Lorsqu'elle retourna chez elle, Jade avait dix-sept ans. Majeure dans le monde sorcier, elle convint sa famille en lui avouant les derniers évènements de déménager à Auckland, en Nouvelle-Zélande, où son père avait un cousin. Ils y furent récalcitrants au début l'explosion d'un pont et d'un tunnel qui tuèrent des centaines de moldus les firent changer d'avis et au moment où elle aurait dû se trouver dans le Poudlard Express, Jade regardait par la vitre d'un avion en partance pour Auckland.
Pendant un an, Jade se coupa entièrement du monde sorcier. Elle continuait d'exercer sa magie très discrètement – seulement dans sa maison qu'elle partageait toujours avec ses parents – mais jamais elle ne prononça le nom de son école, de ses camarades de classe, du Survivant ou du Seigneur des Ténèbres. La Nouvelle-Zélande n'était pas touchée par la guerre qui avait éclaté en Angleterre et Jade se refusait d'être celle qui porterait malheur.
Elle fut internée à l'hôpital moldu après un évanouissement où elle se cogna la tête contre un trottoir. On lui fit des tests et bien qu'elle n'eut pas de concussion, on annonça à sa famille l'existence de son trouble du comportement alimentaire. Vous ne vous en êtes pas rendus compte ? fut la question peu délicate d'une des internes. Ses parents se regardèrent sans comprendre.

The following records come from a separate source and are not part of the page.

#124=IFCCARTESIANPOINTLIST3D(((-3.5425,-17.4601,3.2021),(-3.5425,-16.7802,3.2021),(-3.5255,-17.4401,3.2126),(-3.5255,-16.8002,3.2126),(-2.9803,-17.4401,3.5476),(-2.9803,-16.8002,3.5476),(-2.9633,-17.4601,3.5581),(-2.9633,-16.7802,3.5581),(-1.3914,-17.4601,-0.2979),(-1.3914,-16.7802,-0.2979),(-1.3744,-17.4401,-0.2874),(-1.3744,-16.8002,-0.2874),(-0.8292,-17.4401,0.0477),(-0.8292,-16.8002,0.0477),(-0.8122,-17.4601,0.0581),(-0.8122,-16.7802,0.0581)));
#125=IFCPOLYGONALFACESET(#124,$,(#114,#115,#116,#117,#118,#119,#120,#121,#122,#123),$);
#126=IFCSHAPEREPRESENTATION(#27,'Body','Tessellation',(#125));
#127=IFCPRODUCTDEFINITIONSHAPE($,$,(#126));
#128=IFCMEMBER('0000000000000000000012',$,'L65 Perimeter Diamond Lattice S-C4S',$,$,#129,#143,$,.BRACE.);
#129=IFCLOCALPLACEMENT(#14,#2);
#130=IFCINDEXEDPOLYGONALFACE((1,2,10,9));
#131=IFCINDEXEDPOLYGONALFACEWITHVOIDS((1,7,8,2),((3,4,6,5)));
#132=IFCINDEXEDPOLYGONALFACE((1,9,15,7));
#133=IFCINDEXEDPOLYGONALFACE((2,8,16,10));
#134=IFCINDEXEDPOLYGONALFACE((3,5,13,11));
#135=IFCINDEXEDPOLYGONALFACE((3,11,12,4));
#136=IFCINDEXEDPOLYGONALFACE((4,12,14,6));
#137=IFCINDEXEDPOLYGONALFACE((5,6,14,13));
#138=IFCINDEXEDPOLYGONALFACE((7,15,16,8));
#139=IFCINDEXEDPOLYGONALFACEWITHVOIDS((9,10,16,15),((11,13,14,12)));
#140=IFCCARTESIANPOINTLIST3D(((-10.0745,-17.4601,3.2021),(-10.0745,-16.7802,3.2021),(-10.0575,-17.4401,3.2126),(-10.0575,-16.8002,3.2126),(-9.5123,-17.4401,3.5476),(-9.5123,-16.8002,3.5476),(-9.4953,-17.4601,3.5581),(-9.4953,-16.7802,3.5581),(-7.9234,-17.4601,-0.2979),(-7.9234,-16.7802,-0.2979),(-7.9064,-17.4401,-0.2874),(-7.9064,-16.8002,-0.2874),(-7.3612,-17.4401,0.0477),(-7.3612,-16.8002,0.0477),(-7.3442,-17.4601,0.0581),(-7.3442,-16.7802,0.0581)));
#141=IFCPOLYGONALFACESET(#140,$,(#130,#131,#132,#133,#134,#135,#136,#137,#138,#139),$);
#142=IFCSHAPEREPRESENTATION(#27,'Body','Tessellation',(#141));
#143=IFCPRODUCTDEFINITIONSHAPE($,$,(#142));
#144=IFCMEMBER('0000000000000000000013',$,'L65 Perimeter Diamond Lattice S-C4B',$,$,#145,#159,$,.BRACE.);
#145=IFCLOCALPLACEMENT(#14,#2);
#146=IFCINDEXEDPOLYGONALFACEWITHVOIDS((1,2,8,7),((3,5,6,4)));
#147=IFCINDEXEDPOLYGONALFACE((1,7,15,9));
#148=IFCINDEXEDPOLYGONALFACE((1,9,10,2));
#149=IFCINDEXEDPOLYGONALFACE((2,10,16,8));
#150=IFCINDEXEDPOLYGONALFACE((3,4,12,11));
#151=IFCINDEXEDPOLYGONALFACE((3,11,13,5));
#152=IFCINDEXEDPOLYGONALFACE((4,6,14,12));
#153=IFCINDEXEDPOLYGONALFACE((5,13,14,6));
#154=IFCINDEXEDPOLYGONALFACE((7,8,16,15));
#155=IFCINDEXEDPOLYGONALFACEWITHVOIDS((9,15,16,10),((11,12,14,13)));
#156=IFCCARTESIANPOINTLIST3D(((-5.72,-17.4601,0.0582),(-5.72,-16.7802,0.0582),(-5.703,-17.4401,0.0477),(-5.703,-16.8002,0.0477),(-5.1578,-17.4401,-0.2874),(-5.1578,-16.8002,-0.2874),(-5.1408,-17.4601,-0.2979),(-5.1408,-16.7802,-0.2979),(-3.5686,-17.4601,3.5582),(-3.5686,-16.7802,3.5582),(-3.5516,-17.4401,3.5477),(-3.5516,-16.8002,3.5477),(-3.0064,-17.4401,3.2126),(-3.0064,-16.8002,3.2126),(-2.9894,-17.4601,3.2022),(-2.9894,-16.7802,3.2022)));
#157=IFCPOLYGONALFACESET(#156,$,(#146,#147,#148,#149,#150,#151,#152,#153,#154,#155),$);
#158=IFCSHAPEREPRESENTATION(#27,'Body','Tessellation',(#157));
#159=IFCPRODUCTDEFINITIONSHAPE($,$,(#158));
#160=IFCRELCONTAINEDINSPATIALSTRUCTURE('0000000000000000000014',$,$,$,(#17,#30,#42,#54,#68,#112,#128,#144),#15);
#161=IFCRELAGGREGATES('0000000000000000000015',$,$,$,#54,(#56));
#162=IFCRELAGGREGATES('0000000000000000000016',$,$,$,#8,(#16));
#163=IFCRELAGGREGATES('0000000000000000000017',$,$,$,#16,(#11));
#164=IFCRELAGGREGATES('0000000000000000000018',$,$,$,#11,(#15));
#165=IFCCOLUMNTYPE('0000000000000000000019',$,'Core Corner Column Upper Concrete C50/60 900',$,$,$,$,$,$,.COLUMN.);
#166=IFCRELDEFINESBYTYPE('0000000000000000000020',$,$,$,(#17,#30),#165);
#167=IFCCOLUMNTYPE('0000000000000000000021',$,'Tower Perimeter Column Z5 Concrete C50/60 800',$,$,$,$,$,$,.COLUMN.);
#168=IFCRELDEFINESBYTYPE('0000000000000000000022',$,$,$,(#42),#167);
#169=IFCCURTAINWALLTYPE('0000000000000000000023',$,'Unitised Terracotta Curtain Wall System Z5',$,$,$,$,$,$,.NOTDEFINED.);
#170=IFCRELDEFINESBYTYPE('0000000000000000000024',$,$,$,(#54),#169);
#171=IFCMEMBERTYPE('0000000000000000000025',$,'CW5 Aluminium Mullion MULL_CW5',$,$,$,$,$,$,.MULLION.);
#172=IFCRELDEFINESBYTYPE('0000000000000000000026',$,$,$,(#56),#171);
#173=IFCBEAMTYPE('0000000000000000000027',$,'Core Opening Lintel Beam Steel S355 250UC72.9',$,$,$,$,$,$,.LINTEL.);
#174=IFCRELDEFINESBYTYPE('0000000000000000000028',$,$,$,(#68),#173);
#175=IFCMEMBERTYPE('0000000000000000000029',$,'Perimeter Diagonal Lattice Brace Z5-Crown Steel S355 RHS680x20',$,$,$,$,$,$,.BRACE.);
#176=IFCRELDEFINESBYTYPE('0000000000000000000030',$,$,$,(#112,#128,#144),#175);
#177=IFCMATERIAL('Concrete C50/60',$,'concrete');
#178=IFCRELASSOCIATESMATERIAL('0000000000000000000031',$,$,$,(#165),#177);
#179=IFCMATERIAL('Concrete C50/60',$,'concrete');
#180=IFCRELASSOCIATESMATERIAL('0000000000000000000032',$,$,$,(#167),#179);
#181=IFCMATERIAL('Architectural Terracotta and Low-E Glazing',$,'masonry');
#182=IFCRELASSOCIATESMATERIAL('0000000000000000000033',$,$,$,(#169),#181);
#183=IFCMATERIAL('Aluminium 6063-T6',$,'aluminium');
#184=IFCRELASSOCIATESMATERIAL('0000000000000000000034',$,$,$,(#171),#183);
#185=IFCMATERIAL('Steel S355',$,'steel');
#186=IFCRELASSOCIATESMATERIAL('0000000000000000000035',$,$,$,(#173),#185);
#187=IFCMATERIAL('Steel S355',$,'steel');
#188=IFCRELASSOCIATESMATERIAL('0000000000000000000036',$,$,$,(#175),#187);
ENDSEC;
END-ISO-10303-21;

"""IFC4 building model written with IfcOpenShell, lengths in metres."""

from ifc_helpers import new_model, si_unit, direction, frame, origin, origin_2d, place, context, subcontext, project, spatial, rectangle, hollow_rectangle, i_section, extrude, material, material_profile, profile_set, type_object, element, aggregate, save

Jade ne sut que plusieurs mois plus tard, alors qu'elle était toujours internée dans une unité spécialisée pour les patients atteints de troubles du comportement alimentaire, que la guerre avait cessé. Harry Potter avait gagné. Il était vivant. Le Seigneur des Ténèbres était mort. Elle pouvait rentrer à la maison.

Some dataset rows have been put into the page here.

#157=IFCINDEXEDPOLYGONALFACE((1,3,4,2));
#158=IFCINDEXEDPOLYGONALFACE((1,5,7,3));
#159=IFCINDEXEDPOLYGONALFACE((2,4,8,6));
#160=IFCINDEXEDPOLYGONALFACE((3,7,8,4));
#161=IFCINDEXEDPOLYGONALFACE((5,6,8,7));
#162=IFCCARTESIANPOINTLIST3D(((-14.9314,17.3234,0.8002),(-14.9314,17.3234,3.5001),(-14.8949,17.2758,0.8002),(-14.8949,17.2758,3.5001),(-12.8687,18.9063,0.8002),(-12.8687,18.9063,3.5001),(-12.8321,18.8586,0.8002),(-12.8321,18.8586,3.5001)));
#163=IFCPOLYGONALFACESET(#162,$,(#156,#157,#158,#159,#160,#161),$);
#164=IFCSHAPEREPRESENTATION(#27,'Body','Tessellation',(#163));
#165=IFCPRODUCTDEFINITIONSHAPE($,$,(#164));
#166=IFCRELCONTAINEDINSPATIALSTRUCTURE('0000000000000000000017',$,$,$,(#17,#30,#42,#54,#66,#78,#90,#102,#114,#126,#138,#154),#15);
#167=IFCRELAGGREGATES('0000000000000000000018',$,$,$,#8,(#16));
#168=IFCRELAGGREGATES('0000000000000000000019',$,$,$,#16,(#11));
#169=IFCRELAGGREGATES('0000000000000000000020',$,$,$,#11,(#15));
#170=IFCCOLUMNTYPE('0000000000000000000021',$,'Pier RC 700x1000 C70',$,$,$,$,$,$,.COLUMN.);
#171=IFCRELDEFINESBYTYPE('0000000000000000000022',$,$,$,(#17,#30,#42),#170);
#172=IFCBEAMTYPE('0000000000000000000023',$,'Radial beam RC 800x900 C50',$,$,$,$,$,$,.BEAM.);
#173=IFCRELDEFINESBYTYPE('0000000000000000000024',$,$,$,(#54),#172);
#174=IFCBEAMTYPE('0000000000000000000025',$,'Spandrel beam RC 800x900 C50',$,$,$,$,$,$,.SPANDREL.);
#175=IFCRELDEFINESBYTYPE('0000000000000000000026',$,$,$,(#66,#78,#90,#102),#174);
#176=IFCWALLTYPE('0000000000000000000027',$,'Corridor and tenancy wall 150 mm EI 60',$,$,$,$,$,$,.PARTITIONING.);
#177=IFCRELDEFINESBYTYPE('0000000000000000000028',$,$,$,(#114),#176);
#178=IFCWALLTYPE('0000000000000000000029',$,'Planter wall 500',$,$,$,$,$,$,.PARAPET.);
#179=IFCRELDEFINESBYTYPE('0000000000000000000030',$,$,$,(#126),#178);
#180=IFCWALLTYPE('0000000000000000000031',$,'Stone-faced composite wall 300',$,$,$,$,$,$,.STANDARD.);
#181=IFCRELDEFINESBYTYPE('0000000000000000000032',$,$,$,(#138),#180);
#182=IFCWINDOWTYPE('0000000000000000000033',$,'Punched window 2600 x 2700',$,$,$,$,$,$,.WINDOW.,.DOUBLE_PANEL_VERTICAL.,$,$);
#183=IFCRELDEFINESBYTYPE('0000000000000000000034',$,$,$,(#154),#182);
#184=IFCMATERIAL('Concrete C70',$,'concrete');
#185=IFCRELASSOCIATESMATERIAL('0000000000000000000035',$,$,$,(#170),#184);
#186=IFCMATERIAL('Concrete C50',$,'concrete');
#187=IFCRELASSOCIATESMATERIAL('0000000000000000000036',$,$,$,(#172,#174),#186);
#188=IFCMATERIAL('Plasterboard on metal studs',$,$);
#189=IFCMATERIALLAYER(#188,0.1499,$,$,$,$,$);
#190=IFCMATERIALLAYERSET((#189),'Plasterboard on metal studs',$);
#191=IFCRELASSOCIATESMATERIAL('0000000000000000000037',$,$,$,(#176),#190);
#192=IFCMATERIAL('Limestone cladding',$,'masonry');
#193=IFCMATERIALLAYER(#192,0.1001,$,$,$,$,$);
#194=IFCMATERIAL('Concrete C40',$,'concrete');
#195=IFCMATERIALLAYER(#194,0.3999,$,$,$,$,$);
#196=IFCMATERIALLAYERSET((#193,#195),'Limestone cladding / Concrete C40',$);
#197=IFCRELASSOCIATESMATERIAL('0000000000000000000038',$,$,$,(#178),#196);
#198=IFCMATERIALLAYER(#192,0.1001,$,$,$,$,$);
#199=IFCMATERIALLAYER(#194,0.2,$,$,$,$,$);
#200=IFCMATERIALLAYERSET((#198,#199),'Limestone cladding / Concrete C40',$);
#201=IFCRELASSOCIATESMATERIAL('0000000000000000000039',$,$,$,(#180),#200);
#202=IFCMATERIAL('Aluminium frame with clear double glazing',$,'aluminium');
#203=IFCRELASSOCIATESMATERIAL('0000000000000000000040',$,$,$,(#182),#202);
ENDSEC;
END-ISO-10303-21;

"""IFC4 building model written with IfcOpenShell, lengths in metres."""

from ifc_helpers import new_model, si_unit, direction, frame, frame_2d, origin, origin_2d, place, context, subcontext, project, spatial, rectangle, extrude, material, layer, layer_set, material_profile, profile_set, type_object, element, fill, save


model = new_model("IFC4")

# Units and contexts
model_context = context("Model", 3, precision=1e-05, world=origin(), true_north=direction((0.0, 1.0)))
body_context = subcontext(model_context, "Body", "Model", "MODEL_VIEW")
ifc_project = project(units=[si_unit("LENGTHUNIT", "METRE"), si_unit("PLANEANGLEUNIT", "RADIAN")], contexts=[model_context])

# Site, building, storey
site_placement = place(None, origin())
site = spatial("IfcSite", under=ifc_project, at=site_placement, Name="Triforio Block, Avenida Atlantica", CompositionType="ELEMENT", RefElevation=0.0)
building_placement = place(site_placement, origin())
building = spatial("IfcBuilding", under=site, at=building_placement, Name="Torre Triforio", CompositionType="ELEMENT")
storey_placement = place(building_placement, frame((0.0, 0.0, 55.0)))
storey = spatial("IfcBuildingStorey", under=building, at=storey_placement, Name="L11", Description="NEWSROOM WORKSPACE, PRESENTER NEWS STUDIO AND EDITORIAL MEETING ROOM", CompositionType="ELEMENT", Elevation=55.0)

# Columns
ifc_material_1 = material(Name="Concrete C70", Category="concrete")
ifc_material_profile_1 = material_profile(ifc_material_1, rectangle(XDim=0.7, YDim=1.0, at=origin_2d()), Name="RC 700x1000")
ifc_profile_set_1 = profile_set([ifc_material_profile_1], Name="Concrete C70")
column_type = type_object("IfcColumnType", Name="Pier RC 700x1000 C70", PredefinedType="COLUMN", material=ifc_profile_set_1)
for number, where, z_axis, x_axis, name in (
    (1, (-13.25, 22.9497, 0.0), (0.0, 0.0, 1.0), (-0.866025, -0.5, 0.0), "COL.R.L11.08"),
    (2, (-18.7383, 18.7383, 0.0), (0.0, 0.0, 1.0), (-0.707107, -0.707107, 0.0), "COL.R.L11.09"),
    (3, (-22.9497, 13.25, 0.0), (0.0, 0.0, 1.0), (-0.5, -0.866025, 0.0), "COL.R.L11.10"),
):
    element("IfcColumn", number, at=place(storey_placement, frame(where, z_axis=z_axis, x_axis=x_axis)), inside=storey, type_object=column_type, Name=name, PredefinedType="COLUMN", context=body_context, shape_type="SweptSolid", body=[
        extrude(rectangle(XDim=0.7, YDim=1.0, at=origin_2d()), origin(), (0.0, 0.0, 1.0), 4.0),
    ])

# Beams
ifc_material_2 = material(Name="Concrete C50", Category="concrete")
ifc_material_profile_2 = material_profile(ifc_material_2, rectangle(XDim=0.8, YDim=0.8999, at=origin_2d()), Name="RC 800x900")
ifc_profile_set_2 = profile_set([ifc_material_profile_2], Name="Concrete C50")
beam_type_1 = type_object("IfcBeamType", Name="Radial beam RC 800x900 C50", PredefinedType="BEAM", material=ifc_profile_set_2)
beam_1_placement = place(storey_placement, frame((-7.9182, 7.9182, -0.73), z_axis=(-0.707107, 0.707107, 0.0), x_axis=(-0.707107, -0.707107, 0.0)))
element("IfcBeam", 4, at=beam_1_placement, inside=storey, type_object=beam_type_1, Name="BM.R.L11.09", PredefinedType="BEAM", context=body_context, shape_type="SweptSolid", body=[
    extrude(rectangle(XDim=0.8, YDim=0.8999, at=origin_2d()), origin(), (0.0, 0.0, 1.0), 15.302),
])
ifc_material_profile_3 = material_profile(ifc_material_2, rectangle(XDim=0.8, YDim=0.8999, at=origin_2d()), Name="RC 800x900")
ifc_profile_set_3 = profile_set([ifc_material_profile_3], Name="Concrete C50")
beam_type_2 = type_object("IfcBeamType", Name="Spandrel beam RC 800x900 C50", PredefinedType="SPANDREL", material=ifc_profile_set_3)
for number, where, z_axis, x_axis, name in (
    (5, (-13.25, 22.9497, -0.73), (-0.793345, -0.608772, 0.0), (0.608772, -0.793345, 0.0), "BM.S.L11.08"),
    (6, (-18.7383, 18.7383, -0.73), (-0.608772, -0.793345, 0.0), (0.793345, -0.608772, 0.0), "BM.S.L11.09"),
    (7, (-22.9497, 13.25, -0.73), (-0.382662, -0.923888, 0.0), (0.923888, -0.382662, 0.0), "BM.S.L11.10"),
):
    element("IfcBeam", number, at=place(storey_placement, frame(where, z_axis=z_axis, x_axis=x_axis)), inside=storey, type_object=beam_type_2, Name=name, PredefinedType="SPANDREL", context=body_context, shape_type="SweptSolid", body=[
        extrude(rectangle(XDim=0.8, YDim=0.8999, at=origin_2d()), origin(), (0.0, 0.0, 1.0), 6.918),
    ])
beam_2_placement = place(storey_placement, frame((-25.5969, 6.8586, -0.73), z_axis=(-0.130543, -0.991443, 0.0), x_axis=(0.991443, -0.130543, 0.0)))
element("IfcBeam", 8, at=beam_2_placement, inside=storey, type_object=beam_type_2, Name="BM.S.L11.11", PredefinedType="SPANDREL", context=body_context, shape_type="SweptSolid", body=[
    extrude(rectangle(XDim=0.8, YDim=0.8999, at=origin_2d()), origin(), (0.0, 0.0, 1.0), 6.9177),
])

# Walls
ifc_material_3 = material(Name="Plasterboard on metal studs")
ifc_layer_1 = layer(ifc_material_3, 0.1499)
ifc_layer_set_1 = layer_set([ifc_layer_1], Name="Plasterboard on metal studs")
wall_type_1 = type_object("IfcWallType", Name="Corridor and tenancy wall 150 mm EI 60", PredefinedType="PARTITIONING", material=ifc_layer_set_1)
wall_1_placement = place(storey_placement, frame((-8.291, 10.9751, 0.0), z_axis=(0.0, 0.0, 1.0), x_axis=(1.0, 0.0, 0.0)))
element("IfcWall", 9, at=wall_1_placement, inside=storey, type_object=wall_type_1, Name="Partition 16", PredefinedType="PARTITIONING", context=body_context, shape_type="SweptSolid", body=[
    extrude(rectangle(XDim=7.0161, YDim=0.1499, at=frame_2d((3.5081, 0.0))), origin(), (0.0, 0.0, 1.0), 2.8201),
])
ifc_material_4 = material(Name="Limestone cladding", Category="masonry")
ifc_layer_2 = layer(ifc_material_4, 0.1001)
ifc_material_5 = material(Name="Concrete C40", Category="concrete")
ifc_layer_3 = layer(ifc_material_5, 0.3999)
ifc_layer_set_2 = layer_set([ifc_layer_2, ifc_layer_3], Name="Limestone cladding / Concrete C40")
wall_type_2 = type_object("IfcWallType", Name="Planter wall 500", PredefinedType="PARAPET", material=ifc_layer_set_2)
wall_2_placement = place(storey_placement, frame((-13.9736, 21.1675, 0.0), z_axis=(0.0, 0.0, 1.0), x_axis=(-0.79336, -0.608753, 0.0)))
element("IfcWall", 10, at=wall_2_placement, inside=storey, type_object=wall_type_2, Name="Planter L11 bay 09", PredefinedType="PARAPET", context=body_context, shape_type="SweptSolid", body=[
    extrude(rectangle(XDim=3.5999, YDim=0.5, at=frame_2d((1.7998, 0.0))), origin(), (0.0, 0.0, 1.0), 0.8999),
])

Mais, avait-elle jamais eu une maison ? Ce fut cette question qui lui traversa l'esprit lorsque Jade sentit son souffle se couper, son cœur ralentir et s'emballer à la fois. Elle vit sans comprendre les gens autour d'elle se mouvoir plus lentement, ses parents s'accroupir près d'elle, alors qu'elle faisait un énième évanouissement dû à une baisse de potassium.
Et alors qu'elle sentit pour la première fois une douleur dans le bras gauche se diriger vers son cœur, alors que sa mère, le visage plein de larme caressait sa joue, et que son père lui tenait la main, elle comprit que si, bien sûr qu'elle avait eu une maison : sa famille.
Ok, alors voici la première fanfiction que j'ai écrit, et la première que j'ose publier ! (je tremble d'avance pour être honnête ^^) J'espère qu'elle vous a plu même si la fin est un peu triste.